Orlando Furioso, CD Label: Erato - Claudio Scimone, I Solisti Veneti; M. Horne, et al.
Orlando Furioso, CD Label: naïve - Jean-Christophe Spinosi & Ensemble Matheus

These two recordings are completely different, track for track. The overtures are different, the recitatives are different, the arias are different, the whole libretto is different. Additionally, comparing it to the earlier Orlando came up with nothing - it was different as well.

If anyone can shed some light on this, I'd appreciate it. Someone is performing something incorrectly here.

Kevin


----------



## HarpsichordConcerto

Interesting. Confusing, indeed. There are two Vivaldi operas with the name _Orlando_ as part of the title, which you already mentioned.

(A) _Orlando Finto Pazzo_ (1714), apparently his second opera; in any case, an early one.

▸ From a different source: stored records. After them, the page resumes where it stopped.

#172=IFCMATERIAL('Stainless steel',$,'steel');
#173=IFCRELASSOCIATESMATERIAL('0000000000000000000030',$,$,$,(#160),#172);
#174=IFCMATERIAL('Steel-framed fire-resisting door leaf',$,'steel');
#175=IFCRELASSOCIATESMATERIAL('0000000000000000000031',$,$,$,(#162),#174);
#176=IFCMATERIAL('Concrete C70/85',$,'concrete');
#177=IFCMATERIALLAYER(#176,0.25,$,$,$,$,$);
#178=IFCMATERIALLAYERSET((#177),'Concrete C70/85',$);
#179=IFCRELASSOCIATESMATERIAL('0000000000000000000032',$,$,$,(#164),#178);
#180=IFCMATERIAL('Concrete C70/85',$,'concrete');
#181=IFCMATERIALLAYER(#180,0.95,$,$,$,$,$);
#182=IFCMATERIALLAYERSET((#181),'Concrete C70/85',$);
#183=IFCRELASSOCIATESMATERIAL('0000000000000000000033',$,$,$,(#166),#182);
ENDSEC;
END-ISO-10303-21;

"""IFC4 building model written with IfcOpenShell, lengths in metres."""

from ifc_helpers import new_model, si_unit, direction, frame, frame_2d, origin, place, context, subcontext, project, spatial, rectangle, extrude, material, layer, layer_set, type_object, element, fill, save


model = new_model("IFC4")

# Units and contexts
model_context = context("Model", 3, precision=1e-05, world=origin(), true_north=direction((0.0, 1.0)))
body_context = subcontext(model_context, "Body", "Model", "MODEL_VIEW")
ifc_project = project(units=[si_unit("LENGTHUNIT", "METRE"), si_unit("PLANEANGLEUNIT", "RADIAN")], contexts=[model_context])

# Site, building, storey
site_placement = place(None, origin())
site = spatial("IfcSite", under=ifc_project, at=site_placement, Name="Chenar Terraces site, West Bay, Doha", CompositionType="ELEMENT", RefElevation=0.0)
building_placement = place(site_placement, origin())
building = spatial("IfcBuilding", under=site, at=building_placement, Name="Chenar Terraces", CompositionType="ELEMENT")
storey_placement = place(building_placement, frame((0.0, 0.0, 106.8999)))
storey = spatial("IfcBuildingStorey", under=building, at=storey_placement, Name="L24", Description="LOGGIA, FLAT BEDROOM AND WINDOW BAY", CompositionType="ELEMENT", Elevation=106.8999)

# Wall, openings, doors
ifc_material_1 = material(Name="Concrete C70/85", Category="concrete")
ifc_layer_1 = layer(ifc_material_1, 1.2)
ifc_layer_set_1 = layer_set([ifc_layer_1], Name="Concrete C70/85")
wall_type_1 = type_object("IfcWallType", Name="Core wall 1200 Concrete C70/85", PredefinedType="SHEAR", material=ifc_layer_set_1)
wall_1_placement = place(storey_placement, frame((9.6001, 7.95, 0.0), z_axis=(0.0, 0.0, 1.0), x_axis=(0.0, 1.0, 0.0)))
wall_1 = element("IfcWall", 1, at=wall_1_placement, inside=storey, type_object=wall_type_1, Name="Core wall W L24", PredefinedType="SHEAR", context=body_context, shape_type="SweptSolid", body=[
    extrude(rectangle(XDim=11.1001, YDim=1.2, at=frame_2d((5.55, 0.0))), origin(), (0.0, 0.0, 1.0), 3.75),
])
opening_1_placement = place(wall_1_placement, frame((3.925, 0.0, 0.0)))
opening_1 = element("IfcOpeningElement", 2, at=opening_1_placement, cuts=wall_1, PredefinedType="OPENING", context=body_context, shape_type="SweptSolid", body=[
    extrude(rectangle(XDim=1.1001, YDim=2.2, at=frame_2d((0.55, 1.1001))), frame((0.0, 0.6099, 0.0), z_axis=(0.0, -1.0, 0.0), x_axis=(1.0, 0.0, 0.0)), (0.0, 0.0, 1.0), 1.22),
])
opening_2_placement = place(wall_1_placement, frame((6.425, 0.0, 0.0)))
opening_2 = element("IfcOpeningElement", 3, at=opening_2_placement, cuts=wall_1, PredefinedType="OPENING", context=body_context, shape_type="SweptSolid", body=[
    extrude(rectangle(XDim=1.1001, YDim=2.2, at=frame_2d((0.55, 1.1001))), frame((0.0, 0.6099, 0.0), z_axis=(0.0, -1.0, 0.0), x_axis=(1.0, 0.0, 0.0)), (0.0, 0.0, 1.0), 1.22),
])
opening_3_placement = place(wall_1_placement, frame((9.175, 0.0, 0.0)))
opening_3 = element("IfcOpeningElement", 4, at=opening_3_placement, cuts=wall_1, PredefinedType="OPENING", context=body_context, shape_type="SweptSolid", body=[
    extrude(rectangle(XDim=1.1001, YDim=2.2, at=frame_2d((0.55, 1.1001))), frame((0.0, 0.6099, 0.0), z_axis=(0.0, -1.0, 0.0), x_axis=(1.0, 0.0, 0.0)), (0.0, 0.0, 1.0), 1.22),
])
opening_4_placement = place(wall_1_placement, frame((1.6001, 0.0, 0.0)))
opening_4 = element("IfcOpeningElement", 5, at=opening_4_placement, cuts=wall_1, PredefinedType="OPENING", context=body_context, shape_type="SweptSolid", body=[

(B) _Orlando Furioso_ (1727).

I have (A) on the Naive label and I have (B) on the CPO label. Now, there is only one recording of (A) available and three recordings of (B) available. You have two of the three recordings of (B), which you claim are largely different music, while I have the third recording of (B). My bet is your Naive recording of (B) is the same as my CPO recording of (B); both are newer recordings, which would have reflected developments on Vivaldian musicology, while the Claudio Scimone version is the "strange one".

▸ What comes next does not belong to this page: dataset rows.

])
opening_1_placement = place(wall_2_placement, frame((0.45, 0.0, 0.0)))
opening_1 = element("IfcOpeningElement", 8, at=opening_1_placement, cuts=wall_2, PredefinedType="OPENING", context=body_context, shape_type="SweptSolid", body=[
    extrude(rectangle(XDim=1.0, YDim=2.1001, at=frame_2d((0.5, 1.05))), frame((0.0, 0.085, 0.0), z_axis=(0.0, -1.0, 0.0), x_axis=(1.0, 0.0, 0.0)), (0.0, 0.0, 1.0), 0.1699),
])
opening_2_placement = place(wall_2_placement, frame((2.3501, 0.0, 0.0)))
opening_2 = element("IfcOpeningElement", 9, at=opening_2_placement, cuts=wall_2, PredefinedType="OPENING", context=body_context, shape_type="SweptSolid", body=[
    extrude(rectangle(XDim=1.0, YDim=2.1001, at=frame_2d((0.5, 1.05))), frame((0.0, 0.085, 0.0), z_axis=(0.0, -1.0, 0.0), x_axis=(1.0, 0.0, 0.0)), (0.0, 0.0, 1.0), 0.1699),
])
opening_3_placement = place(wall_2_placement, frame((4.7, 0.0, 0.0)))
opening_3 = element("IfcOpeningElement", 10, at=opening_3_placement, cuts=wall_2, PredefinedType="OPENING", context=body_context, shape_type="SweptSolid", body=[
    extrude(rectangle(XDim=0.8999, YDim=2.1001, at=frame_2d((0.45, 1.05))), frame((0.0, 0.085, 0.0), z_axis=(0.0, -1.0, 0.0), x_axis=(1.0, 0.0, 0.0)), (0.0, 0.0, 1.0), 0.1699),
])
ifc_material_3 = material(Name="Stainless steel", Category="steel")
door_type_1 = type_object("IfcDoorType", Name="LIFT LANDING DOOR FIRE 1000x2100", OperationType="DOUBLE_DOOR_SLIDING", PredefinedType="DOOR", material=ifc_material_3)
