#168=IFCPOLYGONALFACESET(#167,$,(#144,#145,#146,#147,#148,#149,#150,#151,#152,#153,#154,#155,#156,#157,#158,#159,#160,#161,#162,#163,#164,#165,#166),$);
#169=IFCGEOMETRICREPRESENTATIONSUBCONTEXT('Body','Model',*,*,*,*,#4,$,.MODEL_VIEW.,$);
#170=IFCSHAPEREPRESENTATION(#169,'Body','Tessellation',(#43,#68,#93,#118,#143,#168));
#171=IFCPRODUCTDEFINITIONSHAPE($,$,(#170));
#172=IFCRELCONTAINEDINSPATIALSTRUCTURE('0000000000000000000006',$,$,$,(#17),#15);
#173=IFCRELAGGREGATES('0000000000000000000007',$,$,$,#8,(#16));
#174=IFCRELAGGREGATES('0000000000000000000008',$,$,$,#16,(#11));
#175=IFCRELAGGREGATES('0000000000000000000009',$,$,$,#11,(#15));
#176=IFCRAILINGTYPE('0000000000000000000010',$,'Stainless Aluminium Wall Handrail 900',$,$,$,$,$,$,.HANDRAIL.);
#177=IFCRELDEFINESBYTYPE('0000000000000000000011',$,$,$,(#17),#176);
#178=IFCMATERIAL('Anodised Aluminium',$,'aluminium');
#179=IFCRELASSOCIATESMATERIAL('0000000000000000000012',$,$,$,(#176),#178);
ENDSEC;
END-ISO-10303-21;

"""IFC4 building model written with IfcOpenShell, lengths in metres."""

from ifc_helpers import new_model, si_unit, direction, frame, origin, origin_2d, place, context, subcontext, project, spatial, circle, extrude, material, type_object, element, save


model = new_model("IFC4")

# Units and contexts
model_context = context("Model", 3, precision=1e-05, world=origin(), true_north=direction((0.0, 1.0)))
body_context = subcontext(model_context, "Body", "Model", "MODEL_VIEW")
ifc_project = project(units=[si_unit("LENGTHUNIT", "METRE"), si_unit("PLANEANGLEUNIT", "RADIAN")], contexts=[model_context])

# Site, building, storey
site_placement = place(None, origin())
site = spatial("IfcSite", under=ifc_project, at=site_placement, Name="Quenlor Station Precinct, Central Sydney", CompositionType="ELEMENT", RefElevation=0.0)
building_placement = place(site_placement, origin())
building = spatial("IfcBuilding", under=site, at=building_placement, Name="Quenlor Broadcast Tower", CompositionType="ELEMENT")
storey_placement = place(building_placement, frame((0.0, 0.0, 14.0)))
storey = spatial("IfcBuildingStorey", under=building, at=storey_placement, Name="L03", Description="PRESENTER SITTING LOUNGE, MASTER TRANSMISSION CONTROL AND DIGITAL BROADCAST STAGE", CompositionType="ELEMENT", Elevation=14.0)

Question - do you have (A)? I presume you do, and that it is totally different music to Claudio Scimone's (B). If so, then Claudio Scimone's (B) may well be some early version of _Orlando Furioso_? I'm just guessing.

I don't intend to buy Claudio Scimone's version because it's played on modern instruments, which I generally dislike on Baroque music.

P.S.
Handel also wrote an opera called _Orlando_, which I must say Handel's version trumps it all.


----------



## HarpsichordConcerto

I just did some digging around.

Giovanni Alberto Ristori (1692-1753) apparently wrote an opera also by the title _Orlando Furioso_ (1713), which Vivaldi adapted it with music of his own in 1714! This would be a _pasticcio_ opera, which was a common practice those days when a composer put on another composer's work with some new music by himself. Could this Ristori _pasticcio_ be the Claudio Scimone version, I wonder? The fact that Scimone's version is labelled as RV728 means nothing, as record companies are not scholars and they do get things wrong.

So, to sum up, the correct _Orlando Furioso_ RV728 is available in two recordings: Naive label (yours) and CPO label (mine), while the Scimone recording is either _Orlando Finto Pazzo_ or the Ristori _pasticcio_. If you have _Orlando Finto Pazzo_ on the Naive label (relatively new recording), then it's obvious what the Scimone recording most likely is.


----------



## kevharris

Okay, a breakthrough!!

Upon further listening and examination - I have come to find that the naïve recording is apparently a COMPLETE version of RV728. I have deduced that the Claudio Scimone recording, while taking up 3 CDs, is lacking several recitatives and arias. As I was listening through the naïve recording, in Act I, Scene 5 I hear the opening aria that is found in Act I, Scene I on the Scimone recording. So I think Erato took liberties and chopped out unwanted parts or something. Either that or it is a different version of the opera altogether, the overtures are completely different. Either this is conductor's choice or there is a difference in the versions.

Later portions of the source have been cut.